Greatest Science Fiction Film Tournament: Final Results

This is it. We’ve winnowed a total of 392 films down to two, and of those two, we voted on the greatest science fiction film ever. The result: Star Wars (1977) wins by a single vote in the week with the largest voter turnout to date. We’ve got the complete statistics for the entire group, as well as a new poll to decide the format of our upcoming Greatest Science Fiction Television Poll here as well.

The round one results, based on Bayesian statistics, can be found here. Those are the numbers used to “seed” the tournament standings throughout, using IMDB scores to break ties in Bureau 42 reader votes. The voting results (as percentages) for other rounds should be on the GSFFT Brackets file. The brackets were set up for rounds 3-8 starting with round 8 and working backwards, so that (if all went as per round one voting) the top two films from the first round would face off in the last round, the second last round would see movies 1 and 4 in one bracket and 2 and 3 in the other, etc. so that a round with n titles would have pairings whose ranks added up to n+1 in each case. The exception was round 2, where the wildcards came into play. Instead of the top 128 movies from round 1, we had the top 120, with movie #1 going up against #120, movie #2 going up against #119, etc. except for the 8 middle slots (#57-64) which went up against the 8 wildcards such that #57 went up against the wildcard with the lowest IMDB score and #64 went up against the wildcard with the highest IMDB ranking.
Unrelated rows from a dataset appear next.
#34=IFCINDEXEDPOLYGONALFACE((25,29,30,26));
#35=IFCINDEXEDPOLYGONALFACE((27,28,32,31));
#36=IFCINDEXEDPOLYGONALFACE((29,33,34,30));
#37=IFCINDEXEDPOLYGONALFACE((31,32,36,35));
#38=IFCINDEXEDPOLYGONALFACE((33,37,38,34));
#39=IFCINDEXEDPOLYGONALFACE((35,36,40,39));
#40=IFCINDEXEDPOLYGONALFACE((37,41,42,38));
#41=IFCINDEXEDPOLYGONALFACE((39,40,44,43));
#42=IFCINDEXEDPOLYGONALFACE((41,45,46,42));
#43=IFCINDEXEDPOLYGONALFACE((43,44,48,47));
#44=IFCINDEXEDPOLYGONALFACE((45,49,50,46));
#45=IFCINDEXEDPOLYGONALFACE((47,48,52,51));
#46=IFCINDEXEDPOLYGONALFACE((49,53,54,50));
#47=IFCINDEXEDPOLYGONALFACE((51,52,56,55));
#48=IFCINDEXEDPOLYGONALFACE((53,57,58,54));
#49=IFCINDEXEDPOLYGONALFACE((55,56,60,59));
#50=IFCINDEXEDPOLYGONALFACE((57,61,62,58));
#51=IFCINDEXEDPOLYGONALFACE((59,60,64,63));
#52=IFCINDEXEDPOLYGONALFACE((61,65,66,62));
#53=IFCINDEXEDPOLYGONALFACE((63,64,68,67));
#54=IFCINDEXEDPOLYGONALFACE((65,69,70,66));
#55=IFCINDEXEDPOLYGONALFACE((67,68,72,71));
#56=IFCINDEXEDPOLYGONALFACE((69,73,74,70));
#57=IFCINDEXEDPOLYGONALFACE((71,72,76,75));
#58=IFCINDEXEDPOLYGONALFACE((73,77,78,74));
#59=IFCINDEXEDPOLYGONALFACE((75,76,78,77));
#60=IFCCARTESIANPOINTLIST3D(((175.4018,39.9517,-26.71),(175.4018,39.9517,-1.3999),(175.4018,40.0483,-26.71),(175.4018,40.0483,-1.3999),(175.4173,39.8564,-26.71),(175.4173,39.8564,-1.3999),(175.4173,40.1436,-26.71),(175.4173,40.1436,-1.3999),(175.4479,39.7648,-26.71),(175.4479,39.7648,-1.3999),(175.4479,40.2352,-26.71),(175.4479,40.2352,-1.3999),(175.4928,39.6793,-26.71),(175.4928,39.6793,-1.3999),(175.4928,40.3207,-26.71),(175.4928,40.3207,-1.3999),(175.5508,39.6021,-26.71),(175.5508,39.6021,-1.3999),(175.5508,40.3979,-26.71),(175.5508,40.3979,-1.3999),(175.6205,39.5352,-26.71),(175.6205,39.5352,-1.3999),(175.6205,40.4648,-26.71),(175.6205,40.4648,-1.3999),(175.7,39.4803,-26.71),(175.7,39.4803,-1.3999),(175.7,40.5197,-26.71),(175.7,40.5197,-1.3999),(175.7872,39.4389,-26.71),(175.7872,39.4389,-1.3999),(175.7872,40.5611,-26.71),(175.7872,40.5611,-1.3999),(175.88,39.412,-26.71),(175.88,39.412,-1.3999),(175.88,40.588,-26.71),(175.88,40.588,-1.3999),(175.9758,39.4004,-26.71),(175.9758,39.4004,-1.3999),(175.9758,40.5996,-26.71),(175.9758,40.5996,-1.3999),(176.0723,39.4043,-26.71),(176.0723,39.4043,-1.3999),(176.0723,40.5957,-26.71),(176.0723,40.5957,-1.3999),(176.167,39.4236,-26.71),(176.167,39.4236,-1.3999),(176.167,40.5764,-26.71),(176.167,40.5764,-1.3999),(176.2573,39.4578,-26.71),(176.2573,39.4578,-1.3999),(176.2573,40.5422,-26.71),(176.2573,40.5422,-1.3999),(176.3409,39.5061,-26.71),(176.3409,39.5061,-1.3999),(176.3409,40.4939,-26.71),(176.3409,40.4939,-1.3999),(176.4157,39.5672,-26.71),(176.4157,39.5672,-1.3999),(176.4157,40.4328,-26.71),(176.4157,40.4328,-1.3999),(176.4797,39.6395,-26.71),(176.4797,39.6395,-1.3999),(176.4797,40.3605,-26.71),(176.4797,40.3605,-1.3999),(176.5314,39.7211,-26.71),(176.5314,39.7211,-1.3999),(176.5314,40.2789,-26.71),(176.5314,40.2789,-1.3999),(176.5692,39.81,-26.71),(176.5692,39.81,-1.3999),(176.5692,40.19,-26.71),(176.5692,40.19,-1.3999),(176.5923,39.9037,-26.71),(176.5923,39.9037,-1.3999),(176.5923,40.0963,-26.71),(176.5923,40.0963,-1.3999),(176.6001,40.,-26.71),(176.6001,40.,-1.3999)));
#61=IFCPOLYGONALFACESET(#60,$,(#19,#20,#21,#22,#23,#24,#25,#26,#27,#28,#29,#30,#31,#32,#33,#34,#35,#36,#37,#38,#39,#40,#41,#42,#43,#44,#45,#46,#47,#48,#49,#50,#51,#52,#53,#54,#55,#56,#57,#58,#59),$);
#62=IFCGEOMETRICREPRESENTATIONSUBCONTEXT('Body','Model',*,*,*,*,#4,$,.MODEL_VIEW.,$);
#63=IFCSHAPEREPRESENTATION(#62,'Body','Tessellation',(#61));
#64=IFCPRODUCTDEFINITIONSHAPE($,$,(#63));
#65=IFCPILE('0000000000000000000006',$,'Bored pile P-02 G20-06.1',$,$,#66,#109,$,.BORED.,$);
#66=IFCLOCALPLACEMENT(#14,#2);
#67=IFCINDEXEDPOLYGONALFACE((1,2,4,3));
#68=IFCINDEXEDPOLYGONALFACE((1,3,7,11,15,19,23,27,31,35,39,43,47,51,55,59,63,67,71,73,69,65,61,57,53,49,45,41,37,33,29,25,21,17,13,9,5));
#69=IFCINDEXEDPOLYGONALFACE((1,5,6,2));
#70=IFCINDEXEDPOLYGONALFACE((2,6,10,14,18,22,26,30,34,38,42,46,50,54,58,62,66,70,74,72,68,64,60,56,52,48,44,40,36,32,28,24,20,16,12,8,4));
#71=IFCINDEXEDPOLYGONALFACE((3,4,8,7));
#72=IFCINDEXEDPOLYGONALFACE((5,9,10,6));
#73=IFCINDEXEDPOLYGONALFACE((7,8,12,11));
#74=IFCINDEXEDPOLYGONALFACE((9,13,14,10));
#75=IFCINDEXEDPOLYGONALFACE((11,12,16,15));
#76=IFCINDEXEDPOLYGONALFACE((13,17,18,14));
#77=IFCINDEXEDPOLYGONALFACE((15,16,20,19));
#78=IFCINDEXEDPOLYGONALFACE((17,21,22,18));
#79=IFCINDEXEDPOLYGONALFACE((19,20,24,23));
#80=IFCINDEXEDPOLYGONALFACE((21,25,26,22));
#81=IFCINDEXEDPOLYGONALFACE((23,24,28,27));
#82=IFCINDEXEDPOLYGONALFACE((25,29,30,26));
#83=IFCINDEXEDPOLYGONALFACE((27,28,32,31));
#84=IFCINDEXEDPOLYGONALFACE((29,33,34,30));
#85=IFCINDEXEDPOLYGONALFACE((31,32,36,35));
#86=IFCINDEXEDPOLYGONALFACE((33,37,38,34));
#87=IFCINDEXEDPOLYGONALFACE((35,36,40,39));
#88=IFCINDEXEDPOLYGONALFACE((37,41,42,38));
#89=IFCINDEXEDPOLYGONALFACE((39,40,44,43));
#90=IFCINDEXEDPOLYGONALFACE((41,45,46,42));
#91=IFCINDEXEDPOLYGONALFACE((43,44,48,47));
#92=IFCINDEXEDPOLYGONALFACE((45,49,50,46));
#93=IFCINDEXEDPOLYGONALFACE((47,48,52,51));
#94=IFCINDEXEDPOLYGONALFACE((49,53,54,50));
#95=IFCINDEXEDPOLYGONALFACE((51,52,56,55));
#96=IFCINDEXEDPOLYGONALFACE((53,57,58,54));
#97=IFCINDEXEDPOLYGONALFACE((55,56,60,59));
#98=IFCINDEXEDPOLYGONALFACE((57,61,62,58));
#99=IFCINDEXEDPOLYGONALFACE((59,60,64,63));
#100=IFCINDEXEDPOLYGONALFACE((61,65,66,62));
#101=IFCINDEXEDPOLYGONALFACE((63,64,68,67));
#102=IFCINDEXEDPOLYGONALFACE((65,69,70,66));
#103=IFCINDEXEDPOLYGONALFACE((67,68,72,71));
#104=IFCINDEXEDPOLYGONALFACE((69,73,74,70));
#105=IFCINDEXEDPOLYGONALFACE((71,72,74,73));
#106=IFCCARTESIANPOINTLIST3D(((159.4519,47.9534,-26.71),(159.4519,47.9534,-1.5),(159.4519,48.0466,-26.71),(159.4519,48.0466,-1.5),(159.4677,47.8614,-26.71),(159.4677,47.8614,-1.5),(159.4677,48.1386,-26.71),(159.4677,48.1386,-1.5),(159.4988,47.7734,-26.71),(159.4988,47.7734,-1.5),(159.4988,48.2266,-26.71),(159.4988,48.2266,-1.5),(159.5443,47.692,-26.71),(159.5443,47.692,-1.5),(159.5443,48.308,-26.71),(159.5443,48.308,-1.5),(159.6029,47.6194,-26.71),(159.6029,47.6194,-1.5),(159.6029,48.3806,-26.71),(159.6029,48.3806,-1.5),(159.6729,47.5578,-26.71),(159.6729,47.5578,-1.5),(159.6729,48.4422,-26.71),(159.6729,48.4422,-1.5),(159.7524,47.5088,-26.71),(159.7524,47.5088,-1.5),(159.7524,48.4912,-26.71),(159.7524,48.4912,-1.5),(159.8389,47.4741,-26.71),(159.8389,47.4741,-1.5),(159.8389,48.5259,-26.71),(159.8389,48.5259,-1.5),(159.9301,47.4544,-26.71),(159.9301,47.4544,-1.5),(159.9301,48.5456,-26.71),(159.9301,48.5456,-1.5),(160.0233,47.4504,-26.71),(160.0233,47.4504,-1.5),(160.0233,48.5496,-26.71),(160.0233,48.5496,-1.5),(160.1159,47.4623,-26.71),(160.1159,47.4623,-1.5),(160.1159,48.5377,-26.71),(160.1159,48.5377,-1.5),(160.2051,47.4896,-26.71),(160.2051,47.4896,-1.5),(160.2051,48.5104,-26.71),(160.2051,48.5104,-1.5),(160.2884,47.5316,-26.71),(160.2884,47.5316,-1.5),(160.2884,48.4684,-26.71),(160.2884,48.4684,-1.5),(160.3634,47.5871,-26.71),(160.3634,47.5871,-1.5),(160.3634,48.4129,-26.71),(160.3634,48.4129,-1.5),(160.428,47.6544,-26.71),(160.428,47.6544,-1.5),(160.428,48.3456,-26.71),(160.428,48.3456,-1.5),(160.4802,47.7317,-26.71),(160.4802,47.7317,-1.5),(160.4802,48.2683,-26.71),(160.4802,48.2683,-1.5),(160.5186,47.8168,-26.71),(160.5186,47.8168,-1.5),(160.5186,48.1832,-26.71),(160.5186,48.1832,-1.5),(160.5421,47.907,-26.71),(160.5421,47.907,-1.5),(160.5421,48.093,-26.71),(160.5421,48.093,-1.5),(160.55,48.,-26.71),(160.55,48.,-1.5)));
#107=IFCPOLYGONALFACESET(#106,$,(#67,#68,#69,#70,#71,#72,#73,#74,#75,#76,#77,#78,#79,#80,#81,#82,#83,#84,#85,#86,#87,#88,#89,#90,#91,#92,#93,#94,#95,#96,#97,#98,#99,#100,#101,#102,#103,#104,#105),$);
I was tempted to “rig” the system so that related movies (the two “King Kong” movies, the “TMNT” films, etc.) would end up in the same bracket against each other, but that was unnecessary, as that’s how things naturally fell anyway. Ties in rounds 2-8 were determined by the round 1 rankings of the movies in question. I’d have used IMDB ratings as tie breakers for the wildcard films, but it never came up.

We also have a few options for setting up the television tournament, which you can vote on here. The results won’t just be tabulated, but this time, they’ll also be correlated. (There are options to vote in multiple stages at the series, season and episode levels, as well as for tournament length, so the winner will be the most popular combination, i.e. “these two stages plus this length” style.) We’ll gather information on this poll for the next week, and then announce the final format at the usual day and time.

7 replies on “Greatest Science Fiction Film Tournament: Final Results”

  1. I am pleased with the overall winner, even if I wasn’t so happy with the results of previous rounds…

    The TV tournament sounds good. Drilling down to individual episodes seems insane though, seasons even seems excessive. Without detailed synopses or season summaries, there are probably many entries that would be passed over because people didn’t know them by name or remember what happened on season/series X of the show. Most shows I watch I couldn’t pick out episodes by name. Some of them I can, but others, not so much.

    • I can see that. There are two reasons I thought about of drilling down to episodes. First, it means we don’t need as many series to seed the tournament, since 384 good TV series are hard to track down. Secondly, it makes podcasting about each series much easier after the tournament. (Yes, we’ll be doing more movie podcasts, but not for a while. I need to get through the “Doctor Who” podcasts first. Those are about 80% complete.)

      • Yeah I could see that I suppose at least by season. In my head at first it seemed as though it may give a long-running but mediocre series an advantage over a short-lived but great one. Maybe not an actual statistical advantage but at least a mental one. (Eleventy billion series of Dr. Who vs. one season of Firefly, for example)
        Plus then you’d have people who unfairly weight a show they like vs anything else, regardless of whether or not a particular season was any good.

        Going by episode has other advantages, such as allowing great episodes to shine in an otherwise crappy season, though the sheer number of episodes and the research required to identify and judge them properly just seems … weighty.

        Unless a show’s seasons/episodes only competed with other seasons/episodes of the same show, picking the best episode of each show, and then those best episodes would move on to compete against each other… So you end up with, say, the best Stargate SG-1 episode (Window of Opportunity, clearly) vs the best Fringe episode.

        And then what about TV series’ movies that were just for TV/DVD? (SG1’s The Ark of Truth or Continuum, Farscape’s Peacekeeper wars) – they don’t seem to fit into either tournament. I suppose counting them as an episode or a season may be fair enough. Have to draw a line somewhere, or you end up with Star Trek movies bleeding in. :-)

        • My thoughts on a hybrid series/episode tournament would be to start picking series for the first portion, and then after round one, go through every episode of every surviving series on the IMDB and sort them all by user ratings to populate the next portion of the tournament, again with room for wildcards. Seasons would be similar, but it means less populated tournaments to have multiple rounds.